Mas nem só de Jack Nicholson vive Batman. Apesar de atuações mediocres de Kim Basinger (só compensa pela beleza) e de um Harvey Dent negão (um claro exemplo de que Tim Burton quis destacar APENAS o embate entre Coringa e Batman, e se sobrasse tempo usar algum personagem clássico só para homenagear), acabamos surpreendidos com uma exibição de um quase talento no ator Michael Keaton, que provavelmente ainda estava inspirado depois de trabalhar com Burton no super divertido Beetlejuice. Muitos criticaram a atuação de Keaton nos filmes da série e o acusaram de transformar Bruce Wayne em um pateta rico e quase careca. O problema é que o próprio roteiro de Batman faz com que a identidade secreta do personagem seja meio pateta. Nada que tem a mão de Burton foge de certas fórmulas e uma dela é o uso constante de humor. Seja ele negro ou não. E pensando dessa forma, Michael Keaton se superou e mostrou ser um melhor Bruce Wayne que Val Kilmer (loiro) e George Clooney em Batman Eternamente e Batman e Robin, respectivamente. Keaton conseguiu assimilar bem a proposta e ao contrário de seus sucessores, conseguiu dar o tom de humor sem cair no ridiculo e na vergonha alheia, coisa que George Clooney deve se lembrar até hoje. Ou você já se esqueceu do infame “bat-cartão de crédito” e das milhares de piadinhas no filme carnavalesco de 1997?

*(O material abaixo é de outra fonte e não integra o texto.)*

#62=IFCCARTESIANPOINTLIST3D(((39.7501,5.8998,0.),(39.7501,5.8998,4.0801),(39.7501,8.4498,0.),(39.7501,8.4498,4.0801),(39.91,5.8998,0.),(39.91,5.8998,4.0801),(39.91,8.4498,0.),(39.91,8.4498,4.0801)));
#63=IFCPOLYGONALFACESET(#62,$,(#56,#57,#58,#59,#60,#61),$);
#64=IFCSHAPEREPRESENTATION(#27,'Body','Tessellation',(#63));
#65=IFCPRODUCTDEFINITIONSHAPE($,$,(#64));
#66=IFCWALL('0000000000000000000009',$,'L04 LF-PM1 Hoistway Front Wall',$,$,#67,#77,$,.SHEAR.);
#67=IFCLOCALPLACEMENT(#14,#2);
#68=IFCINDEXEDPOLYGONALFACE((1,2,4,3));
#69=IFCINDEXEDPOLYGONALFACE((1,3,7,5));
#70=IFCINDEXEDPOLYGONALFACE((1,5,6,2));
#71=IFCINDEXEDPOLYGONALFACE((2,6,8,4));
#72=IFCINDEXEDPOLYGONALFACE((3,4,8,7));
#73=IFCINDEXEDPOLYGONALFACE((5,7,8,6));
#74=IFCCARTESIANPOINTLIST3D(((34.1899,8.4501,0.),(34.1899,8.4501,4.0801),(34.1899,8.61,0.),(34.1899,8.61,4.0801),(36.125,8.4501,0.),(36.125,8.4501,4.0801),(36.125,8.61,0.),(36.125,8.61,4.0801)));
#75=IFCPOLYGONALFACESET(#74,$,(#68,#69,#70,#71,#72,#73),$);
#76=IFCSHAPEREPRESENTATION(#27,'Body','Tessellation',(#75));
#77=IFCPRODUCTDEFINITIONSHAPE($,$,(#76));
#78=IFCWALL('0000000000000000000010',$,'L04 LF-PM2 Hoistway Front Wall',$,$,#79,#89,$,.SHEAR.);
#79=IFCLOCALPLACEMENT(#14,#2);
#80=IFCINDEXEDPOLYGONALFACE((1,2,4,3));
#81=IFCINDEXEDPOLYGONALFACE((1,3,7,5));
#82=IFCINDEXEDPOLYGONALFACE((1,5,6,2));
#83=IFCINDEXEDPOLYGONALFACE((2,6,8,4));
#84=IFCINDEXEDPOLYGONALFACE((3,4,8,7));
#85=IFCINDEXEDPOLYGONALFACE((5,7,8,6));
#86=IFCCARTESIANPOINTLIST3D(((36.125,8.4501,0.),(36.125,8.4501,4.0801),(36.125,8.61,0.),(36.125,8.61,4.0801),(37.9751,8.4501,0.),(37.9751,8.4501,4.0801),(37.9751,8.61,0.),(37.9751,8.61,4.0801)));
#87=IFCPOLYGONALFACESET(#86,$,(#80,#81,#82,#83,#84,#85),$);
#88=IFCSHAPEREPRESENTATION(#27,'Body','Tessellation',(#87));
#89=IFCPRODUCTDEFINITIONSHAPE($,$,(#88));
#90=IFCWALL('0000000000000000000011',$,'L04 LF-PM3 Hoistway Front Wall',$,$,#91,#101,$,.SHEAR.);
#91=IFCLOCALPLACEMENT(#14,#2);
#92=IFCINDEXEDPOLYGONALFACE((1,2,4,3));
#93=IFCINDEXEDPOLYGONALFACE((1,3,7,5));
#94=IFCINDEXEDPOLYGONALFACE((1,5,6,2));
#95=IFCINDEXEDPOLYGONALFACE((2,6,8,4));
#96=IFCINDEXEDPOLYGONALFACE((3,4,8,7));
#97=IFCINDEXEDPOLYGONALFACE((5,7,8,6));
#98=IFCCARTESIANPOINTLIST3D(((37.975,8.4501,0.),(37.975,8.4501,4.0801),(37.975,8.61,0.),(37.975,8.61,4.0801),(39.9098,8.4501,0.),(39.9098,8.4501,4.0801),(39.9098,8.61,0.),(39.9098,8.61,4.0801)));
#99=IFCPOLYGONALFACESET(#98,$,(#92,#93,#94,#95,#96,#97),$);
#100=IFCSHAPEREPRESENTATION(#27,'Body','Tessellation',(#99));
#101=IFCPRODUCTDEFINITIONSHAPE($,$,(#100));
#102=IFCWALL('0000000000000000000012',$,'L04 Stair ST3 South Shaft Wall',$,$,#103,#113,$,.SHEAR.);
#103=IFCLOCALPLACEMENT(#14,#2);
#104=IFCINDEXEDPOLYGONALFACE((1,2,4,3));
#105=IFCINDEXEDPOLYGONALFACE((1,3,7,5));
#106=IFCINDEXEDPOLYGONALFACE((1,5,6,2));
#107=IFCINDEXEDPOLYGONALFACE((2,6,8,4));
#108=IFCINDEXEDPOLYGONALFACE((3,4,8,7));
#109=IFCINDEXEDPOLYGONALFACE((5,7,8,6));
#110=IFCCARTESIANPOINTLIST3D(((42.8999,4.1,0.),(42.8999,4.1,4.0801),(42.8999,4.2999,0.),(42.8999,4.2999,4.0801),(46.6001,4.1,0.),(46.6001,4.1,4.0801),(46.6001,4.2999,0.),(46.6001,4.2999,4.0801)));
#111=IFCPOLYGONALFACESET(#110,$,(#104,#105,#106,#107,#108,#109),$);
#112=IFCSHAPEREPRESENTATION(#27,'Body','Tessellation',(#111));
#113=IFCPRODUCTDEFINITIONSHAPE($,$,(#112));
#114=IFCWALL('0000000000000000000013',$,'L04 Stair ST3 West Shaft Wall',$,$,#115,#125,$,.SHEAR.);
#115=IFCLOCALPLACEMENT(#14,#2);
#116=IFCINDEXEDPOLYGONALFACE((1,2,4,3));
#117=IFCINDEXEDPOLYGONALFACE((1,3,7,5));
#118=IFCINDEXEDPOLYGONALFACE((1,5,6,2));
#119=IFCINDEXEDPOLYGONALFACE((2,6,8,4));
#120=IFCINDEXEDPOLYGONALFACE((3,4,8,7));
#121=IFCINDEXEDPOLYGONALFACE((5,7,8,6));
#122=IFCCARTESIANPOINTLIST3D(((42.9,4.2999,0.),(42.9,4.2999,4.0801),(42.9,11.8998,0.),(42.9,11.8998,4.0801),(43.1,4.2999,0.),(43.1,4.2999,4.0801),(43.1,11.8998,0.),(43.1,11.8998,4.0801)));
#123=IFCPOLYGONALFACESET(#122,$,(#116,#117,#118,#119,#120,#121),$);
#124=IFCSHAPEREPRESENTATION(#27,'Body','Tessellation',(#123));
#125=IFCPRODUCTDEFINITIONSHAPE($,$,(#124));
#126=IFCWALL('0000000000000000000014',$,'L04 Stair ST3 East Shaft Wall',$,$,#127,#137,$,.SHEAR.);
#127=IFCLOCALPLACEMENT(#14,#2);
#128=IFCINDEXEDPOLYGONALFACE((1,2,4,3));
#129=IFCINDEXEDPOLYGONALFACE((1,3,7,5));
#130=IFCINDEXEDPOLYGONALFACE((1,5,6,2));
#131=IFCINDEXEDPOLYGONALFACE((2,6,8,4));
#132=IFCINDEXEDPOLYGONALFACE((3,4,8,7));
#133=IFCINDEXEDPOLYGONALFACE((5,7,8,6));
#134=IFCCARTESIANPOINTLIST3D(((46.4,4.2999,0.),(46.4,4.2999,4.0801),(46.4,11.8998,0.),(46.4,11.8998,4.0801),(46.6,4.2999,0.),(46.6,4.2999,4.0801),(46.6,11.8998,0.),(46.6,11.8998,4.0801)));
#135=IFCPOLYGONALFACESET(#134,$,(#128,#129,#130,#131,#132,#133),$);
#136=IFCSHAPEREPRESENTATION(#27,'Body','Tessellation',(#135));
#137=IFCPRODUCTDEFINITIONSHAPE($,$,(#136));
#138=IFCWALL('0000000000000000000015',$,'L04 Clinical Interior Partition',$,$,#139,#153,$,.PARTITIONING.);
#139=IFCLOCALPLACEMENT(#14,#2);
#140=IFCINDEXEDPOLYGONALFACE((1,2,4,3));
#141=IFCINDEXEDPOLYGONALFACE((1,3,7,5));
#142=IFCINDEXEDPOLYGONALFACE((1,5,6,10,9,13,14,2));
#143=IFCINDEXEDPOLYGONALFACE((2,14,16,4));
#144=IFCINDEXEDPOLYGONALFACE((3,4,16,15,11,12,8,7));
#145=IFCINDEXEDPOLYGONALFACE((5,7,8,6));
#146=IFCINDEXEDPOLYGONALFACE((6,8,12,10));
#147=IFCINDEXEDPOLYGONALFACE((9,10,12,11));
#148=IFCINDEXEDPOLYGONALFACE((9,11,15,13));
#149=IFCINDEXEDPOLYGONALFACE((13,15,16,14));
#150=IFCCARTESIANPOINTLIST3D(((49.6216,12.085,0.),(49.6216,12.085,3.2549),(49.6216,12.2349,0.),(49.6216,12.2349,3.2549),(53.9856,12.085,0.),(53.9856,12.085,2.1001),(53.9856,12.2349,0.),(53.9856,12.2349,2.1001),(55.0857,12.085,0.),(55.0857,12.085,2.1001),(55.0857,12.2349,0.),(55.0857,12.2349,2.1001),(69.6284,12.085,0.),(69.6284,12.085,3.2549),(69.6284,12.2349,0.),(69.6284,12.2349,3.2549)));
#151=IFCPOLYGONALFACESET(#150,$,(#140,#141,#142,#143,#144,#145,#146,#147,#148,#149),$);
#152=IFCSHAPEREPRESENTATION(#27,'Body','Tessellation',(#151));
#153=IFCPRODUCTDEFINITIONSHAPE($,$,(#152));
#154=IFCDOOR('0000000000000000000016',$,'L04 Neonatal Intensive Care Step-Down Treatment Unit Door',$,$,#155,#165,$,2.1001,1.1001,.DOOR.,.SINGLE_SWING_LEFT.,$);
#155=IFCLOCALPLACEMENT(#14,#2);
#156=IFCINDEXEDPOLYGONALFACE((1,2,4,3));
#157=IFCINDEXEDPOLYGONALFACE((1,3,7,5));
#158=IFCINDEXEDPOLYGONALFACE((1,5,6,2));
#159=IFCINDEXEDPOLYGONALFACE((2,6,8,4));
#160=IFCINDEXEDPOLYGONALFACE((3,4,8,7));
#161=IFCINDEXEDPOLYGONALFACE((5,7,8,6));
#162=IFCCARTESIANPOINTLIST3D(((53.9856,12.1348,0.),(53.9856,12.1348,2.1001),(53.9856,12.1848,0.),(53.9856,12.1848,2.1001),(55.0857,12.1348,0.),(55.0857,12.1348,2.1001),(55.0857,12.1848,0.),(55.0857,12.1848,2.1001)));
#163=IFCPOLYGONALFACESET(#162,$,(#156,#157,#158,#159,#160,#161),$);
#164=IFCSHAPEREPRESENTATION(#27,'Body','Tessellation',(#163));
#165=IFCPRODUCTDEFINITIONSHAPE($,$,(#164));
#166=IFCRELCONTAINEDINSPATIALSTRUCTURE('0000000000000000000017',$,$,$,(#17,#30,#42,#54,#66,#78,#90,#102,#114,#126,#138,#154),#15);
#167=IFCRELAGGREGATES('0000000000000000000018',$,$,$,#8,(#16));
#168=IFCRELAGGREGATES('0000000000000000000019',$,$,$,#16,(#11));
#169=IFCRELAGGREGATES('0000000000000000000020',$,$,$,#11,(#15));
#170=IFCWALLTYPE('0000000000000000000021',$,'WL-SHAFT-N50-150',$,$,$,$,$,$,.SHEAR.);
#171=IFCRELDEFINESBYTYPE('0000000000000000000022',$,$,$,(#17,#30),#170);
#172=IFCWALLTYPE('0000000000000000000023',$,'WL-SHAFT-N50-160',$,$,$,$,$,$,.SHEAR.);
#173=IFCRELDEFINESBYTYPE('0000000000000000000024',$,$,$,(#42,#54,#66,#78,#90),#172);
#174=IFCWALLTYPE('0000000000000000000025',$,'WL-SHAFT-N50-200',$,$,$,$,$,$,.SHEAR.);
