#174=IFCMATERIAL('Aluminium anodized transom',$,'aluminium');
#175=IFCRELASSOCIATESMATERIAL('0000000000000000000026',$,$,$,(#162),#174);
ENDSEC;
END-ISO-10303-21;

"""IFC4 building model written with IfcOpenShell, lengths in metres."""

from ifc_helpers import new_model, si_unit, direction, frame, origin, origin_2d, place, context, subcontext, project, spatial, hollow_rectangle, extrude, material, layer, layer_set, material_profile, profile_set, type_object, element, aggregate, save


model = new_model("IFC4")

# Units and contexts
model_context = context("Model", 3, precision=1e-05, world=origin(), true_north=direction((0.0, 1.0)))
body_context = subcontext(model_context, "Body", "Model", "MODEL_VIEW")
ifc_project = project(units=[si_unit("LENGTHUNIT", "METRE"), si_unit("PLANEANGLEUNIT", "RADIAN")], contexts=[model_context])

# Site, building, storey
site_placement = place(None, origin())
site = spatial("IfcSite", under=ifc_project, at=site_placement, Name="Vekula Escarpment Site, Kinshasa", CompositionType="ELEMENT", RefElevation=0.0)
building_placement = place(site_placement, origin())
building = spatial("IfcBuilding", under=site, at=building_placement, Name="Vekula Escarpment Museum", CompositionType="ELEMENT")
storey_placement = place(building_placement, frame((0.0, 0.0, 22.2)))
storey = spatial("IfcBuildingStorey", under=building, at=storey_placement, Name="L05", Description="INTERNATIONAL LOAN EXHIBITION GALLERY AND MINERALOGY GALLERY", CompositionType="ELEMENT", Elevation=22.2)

Por este filme e apenas esse, Tim Burton me ganhou como um de seus milhares de admiradores. Na primeira vez que vi (isso há quase vinte anos) Batman, não tinha ideia de quem era o diretor e muito menos entendia todo o trabalho feito na concepção da Gotham City e seus prédios dignos de livros de Edgar Allan Poe. E isso que é um dos grandes baratos de ver filmes e acompanhar a carreira de certos diretores. Quando nos permitimos relembrar nossa época de criança e nossos sonhos. Batman é um bom retrato daquela época e um filme para se ter em casa e assistir sempre que o homem morcego estiver em evidência nos cinemas. O legado de Tim Burton ainda tem muito a oferecer para Christopher Nolan e sua visão mais crua e violenta do universo de um dos melhores personagens das revistas em quadrinhos.
São três caipirinhas e meia.
ps: post dedicado para a minha avó, que foi a responsável pela minha paixão pelo cinema e que, curiosamente, me levou para ver Batman – O Retorno nas telonas do BH Shopping em 1992. Aquela foi a minha primeira (e como eles dizem, foi inesquecível) visita a um cinema. Obrigado por tudo.